Mitos yang hari ini kita terima dan harus percaya bahwa vaksin menjadi semacam obat generic cocok bagi semua tubuh. Pemahaman ini jelas mengamputasi pertimbangan individu dengan partikularitasnya. Sebagaimana diakui juga sendiri oleh beberapa tenaga medis, mereka yang memiliki gejala bawaan/kejadian bawaan setealah divaksin bukan karena pengaruh vaksinnya, tetapi perasaan cemas dari pesien. Ketiaadan memahami aspek immaterial tubuh ini pada akhirnya kesalahan medis ditimpakan pada pasien.

Ketiadaan pemahaman ini pada akhirnya memberi legitimate kuasa biomedis untuk menetapkan status seseorang tanpa lagi mempertimbangkan tubuh sebagai yang perseona, politis, relasional, kultural-sosial, agama. Tubuh yang kurang gizi karena banyak kerja kurang istirahat, tubuh yang kelebihan pikiran, stres akibat diisolasi, tubuh yang asketik, estetis, eksistensial tidak penting lagi dipertimbangankan.

Aspek-aspek ini sudah terlanjur diamputasi. Sesuatu yang tanpa disadari telah mengikis ketebalan dinding hati para pengambil sumpah kaum Hipocrates. Kita akhirnya di hadapkan pada pilihan di vaksin atau di denda. Pilihan yang tanpa disadari jikut mengamputasi harga diri kemanusiaan seseorang.

Diskusrus medis ini yang di maui, diniscayakan, dilegalkan. Diskurus yang berpaut dengan kuasa ekonomi politik global, geopolitik membentuk kuasa biopolitik (politik atas tubuh) dengan membajak pandemic covid 19. Bersama-sama saling berakrobatik, semacam berselancar di atas kepanikan masalah pandemic covid 19.

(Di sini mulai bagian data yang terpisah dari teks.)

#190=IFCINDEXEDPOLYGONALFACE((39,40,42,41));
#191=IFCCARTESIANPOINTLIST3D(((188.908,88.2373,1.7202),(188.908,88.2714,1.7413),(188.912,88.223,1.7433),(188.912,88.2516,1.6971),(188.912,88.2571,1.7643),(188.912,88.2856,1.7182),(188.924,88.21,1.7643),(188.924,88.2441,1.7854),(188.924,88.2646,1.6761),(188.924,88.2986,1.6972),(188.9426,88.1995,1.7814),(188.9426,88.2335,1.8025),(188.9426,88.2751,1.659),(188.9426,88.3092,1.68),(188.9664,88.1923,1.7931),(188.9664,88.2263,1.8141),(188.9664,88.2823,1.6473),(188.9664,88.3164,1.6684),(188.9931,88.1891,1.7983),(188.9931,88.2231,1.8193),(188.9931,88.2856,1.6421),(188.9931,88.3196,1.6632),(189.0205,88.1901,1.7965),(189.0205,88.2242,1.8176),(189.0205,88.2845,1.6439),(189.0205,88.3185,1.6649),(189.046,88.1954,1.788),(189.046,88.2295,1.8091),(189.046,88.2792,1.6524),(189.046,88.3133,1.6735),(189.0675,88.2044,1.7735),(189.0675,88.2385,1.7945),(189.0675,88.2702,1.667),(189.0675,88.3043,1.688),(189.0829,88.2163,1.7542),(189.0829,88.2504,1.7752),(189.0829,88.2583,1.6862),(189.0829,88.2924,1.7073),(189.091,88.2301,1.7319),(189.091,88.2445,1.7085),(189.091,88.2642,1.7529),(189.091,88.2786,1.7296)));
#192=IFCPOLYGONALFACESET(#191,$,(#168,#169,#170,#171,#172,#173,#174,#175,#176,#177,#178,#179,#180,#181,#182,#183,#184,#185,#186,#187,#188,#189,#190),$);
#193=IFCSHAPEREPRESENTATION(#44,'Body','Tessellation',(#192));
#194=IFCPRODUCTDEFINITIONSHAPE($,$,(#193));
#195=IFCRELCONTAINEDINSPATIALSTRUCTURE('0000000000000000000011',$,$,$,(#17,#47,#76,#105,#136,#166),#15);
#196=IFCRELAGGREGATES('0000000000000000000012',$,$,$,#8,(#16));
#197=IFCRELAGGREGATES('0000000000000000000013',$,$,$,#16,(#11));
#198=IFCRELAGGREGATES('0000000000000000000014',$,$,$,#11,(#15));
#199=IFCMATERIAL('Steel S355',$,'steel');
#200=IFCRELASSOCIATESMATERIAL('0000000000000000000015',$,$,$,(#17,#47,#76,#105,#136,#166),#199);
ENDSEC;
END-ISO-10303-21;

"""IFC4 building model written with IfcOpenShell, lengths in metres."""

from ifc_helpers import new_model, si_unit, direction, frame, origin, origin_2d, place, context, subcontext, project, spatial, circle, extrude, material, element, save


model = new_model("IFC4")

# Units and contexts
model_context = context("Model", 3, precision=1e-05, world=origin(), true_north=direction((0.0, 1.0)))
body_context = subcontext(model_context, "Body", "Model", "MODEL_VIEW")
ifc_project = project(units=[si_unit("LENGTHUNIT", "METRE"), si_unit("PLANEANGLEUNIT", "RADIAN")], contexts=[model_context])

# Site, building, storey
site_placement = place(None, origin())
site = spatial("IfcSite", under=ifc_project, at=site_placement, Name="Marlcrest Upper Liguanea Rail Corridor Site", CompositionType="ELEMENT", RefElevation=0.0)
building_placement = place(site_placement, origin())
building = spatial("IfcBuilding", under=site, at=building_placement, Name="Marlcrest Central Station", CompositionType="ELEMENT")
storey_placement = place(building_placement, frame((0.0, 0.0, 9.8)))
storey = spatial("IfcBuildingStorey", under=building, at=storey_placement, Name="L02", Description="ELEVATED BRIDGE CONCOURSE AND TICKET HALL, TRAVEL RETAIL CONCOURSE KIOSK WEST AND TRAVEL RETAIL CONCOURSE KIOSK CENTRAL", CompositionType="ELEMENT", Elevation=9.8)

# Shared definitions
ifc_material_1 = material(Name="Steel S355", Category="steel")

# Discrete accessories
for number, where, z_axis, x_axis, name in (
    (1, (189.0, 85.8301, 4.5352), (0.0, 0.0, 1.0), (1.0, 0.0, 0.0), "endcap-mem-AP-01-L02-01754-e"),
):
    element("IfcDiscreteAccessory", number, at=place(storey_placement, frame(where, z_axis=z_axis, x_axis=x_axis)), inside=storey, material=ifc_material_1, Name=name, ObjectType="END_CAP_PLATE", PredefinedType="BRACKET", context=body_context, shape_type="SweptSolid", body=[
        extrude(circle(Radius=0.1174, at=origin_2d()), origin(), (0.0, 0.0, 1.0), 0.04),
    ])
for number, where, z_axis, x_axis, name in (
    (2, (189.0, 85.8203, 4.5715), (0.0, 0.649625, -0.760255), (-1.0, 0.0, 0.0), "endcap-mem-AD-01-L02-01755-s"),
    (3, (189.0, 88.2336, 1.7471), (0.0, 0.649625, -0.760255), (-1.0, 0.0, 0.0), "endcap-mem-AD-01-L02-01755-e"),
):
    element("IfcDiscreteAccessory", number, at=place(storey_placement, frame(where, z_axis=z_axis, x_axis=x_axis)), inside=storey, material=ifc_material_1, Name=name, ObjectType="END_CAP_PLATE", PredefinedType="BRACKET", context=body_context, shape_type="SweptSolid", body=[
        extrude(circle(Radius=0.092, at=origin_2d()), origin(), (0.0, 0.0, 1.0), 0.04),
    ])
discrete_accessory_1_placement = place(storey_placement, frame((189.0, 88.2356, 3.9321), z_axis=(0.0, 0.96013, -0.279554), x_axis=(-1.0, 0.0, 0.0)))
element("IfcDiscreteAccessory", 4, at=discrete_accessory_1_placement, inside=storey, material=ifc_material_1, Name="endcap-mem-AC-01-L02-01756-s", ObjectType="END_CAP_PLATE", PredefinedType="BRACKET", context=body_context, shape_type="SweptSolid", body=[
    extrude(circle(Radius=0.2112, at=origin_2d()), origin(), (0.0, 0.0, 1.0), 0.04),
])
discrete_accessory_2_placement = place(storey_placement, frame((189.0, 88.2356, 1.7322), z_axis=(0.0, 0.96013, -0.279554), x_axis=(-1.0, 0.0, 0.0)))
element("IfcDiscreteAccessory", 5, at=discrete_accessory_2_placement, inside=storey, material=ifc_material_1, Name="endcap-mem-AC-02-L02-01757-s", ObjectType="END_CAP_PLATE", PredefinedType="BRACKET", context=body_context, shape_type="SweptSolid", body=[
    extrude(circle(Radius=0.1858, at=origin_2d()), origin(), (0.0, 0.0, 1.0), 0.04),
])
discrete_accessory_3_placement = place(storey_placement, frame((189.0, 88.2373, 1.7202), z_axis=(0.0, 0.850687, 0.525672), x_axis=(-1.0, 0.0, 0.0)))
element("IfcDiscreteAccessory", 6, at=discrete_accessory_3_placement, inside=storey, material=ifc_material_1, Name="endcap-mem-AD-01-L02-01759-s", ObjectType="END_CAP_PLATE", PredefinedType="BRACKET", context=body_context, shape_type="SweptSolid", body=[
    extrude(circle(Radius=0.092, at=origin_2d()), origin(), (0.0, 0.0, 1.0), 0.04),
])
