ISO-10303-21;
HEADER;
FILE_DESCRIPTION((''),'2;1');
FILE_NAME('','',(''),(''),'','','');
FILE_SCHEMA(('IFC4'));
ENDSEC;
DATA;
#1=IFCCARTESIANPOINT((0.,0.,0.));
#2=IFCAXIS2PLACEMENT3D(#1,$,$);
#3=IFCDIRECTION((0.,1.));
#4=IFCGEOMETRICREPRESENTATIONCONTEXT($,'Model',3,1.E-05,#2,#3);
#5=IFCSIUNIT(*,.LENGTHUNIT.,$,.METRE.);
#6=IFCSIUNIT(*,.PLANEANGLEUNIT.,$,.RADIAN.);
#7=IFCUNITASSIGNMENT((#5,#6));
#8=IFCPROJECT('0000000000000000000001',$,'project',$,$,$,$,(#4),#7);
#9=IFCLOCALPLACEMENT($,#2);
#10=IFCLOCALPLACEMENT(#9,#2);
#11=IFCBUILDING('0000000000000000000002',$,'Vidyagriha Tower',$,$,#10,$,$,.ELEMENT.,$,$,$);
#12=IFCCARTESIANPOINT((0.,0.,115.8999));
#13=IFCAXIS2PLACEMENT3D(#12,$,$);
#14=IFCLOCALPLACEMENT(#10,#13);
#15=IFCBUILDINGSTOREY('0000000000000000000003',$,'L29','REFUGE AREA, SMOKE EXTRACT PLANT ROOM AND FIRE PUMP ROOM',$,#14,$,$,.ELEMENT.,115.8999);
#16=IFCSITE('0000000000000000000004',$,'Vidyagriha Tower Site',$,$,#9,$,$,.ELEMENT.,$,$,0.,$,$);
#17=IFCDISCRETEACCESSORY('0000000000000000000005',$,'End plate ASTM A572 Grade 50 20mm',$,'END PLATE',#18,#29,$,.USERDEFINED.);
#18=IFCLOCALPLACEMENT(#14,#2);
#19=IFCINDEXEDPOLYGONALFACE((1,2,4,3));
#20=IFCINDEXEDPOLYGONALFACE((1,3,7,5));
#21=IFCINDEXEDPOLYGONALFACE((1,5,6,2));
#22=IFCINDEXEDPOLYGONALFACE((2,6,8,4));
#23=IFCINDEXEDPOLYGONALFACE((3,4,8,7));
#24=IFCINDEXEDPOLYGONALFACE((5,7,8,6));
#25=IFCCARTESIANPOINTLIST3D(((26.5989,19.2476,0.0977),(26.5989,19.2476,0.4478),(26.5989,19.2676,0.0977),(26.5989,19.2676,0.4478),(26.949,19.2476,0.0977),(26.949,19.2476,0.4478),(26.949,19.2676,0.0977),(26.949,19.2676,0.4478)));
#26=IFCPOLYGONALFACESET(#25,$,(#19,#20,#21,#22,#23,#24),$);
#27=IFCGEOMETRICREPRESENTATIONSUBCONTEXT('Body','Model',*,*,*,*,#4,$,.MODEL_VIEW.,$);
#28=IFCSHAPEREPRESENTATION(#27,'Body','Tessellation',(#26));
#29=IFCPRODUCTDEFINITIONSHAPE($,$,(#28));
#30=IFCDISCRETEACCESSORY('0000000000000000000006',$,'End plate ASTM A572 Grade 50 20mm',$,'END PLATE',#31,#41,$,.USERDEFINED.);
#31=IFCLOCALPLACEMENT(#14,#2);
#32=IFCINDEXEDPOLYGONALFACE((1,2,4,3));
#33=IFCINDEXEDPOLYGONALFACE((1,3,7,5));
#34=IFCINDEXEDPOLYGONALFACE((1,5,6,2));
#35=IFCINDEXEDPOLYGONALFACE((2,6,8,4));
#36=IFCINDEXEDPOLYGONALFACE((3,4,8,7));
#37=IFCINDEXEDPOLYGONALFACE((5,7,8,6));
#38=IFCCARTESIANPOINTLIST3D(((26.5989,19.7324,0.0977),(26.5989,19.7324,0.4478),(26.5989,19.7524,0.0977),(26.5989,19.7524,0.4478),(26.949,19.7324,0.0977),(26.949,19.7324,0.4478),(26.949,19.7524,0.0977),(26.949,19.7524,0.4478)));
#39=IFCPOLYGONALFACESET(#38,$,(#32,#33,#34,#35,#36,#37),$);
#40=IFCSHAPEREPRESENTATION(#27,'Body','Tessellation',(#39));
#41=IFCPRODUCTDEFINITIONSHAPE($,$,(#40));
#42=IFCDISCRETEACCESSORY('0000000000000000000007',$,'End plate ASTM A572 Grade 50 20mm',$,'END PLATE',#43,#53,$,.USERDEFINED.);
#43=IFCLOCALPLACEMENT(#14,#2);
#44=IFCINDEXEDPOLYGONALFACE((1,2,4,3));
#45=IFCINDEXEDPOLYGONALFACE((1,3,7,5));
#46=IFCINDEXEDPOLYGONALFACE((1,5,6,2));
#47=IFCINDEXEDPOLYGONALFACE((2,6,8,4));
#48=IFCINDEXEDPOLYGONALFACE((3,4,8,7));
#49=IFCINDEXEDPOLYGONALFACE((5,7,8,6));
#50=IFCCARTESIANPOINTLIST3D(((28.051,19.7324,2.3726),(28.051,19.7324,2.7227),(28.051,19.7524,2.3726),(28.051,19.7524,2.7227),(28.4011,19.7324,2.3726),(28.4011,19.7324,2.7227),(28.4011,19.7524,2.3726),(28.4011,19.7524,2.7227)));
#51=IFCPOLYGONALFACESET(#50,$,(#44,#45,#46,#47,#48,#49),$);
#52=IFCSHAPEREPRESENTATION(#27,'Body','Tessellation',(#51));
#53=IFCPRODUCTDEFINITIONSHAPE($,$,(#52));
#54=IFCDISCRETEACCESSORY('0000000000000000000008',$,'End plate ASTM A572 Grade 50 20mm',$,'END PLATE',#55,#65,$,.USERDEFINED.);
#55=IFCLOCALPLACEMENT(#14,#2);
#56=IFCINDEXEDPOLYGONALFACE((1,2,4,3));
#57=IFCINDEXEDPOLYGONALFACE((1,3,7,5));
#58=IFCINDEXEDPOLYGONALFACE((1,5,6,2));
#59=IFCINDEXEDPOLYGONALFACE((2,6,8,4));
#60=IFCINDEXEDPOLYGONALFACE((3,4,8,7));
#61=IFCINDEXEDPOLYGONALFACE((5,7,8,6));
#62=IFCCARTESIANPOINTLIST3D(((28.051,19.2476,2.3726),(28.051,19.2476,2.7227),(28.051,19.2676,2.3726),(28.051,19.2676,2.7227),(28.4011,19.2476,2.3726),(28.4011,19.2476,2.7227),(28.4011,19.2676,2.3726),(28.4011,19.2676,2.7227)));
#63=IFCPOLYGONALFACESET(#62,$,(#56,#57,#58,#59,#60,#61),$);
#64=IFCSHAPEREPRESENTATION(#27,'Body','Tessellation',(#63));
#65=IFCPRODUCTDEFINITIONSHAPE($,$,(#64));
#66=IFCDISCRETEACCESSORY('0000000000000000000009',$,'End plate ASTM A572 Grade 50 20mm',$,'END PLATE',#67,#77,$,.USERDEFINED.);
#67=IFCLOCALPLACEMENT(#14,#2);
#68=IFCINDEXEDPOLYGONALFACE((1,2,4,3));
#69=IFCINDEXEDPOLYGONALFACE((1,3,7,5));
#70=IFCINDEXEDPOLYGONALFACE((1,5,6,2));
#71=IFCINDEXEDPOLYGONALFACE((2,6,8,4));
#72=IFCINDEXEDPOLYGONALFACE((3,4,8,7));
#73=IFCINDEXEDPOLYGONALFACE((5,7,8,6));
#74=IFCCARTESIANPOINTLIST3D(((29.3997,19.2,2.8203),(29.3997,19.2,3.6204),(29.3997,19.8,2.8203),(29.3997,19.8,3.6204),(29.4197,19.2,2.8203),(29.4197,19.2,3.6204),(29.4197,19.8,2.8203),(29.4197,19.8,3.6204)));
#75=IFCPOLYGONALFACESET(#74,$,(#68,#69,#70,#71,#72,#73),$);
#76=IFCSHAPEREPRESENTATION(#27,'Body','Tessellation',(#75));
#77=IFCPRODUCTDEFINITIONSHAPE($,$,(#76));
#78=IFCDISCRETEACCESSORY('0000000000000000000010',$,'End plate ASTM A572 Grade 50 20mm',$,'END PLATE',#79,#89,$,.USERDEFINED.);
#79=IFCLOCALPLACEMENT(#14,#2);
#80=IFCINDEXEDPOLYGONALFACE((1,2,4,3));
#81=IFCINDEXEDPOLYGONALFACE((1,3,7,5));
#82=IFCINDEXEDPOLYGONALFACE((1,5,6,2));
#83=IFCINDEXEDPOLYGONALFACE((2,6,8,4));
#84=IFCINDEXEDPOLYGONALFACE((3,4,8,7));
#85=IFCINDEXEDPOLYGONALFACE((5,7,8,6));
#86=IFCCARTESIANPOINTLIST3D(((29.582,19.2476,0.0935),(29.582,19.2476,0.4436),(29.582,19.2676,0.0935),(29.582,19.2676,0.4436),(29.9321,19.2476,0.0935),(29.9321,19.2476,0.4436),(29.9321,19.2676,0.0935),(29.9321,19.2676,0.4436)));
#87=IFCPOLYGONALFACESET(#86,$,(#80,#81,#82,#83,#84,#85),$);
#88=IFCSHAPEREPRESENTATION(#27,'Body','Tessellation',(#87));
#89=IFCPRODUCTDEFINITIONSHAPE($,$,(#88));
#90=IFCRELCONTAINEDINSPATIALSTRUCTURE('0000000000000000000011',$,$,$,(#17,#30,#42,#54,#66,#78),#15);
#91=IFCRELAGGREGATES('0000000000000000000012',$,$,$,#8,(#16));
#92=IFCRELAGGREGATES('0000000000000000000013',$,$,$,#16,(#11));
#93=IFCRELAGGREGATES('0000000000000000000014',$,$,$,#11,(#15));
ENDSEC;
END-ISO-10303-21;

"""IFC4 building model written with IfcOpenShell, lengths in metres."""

from ifc_helpers import new_model, si_unit, direction, frame, origin, origin_2d, place, context, subcontext, project, spatial, rectangle, extrude, element, save


model = new_model("IFC4")

# Units and contexts
model_context = context("Model", 3, precision=1e-05, world=origin(), true_north=direction((0.0, 1.0)))
body_context = subcontext(model_context, "Body", "Model", "MODEL_VIEW")
ifc_project = project(units=[si_unit("LENGTHUNIT", "METRE"), si_unit("PLANEANGLEUNIT", "RADIAN")], contexts=[model_context])

# Site, building, storey
site_placement = place(None, origin())
site = spatial("IfcSite", under=ifc_project, at=site_placement, Name="Vidyagriha Tower Site", CompositionType="ELEMENT", RefElevation=0.0)
building_placement = place(site_placement, origin())
building = spatial("IfcBuilding", under=site, at=building_placement, Name="Vidyagriha Tower", CompositionType="ELEMENT")
storey_placement = place(building_placement, frame((0.0, 0.0, 115.8999)))
storey = spatial("IfcBuildingStorey", under=building, at=storey_placement, Name="L29", Description="REFUGE AREA, SMOKE EXTRACT PLANT ROOM AND FIRE PUMP ROOM", CompositionType="ELEMENT", Elevation=115.8999)

# Discrete accessories
for number, where, z_axis, x_axis, name in (
    (1, (26.7739, 19.2576, 0.0977), (0.0, 0.0, 1.0), (-1.0, 0.0, 0.0), "End plate ASTM A572 Grade 50 20mm"),
    (2, (26.7739, 19.7424, 0.0977), (0.0, 0.0, 1.0), (-1.0, 0.0, 0.0), "End plate ASTM A572 Grade 50 20mm"),
):
    element("IfcDiscreteAccessory", number, at=place(storey_placement, frame(where, z_axis=z_axis, x_axis=x_axis)), inside=storey, Name=name, ObjectType="END PLATE", PredefinedType="USERDEFINED", context=body_context, shape_type="SweptSolid", body=[
        extrude(rectangle(XDim=0.3501, YDim=0.02, at=origin_2d()), origin(), (0.0, 0.0, 1.0), 0.3501),
    ])
for number, where, name in (
    (3, (28.2261, 19.7424, 2.3726), "End plate ASTM A572 Grade 50 20mm"),
    (4, (28.2261, 19.2576, 2.3726), "End plate ASTM A572 Grade 50 20mm"),
):
    element("IfcDiscreteAccessory", number, at=place(storey_placement, frame(where)), inside=storey, Name=name, ObjectType="END PLATE", PredefinedType="USERDEFINED", context=body_context, shape_type="SweptSolid", body=[
        extrude(rectangle(XDim=0.3501, YDim=0.02, at=origin_2d()), origin(), (0.0, 0.0, 1.0), 0.3501),
    ])
discrete_accessory_1_placement = place(storey_placement, frame((29.4097, 19.5, 2.8203), z_axis=(0.0, 0.0, 1.0), x_axis=(-1.0, 0.0, 0.0)))
element("IfcDiscreteAccessory", 5, at=discrete_accessory_1_placement, inside=storey, Name="End plate ASTM A572 Grade 50 20mm", ObjectType="END PLATE", PredefinedType="USERDEFINED", context=body_context, shape_type="SweptSolid", body=[
    extrude(rectangle(XDim=0.02, YDim=0.6001, at=origin_2d()), origin(), (0.0, 0.0, 1.0), 0.8),
])
discrete_accessory_2_placement = place(storey_placement, frame((29.7571, 19.2576, 0.0935), z_axis=(0.0, 0.0, 1.0), x_axis=(-1.0, 0.0, 0.0)))
element("IfcDiscreteAccessory", 6, at=discrete_accessory_2_placement, inside=storey, Name="End plate ASTM A572 Grade 50 20mm", ObjectType="END PLATE", PredefinedType="USERDEFINED", context=body_context, shape_type="SweptSolid", body=[
    extrude(rectangle(XDim=0.3501, YDim=0.02, at=origin_2d()), origin(), (0.0, 0.0, 1.0), 0.3501),
])

save(model, "model.ifc")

Biomedis mereduksi tubuh sebatas biologis-anatomis, ditangan kekuasaan tubuh biologis-anatomis diletakan makna berbahaya, ancaman, sementara pasar melihat tubuh sebagai “medium” akumulasi kapital. Tubuh yang tidak mau di vaksin adalah ancaman, harus di buat patuh.

Tubuh yang tidak patuh dianggap lebih berbahaya dari virus itu sendiri. Semakin banyak tubuh di vaksin semakin memperbesar akumulasi kapital, semakin cepat proses vaksinasi, semakin cepat juga sirkulasi kapital berputar, semakin lama umur virus dinyatakan semakin terbuka juga peluang-peluang bisnis baru.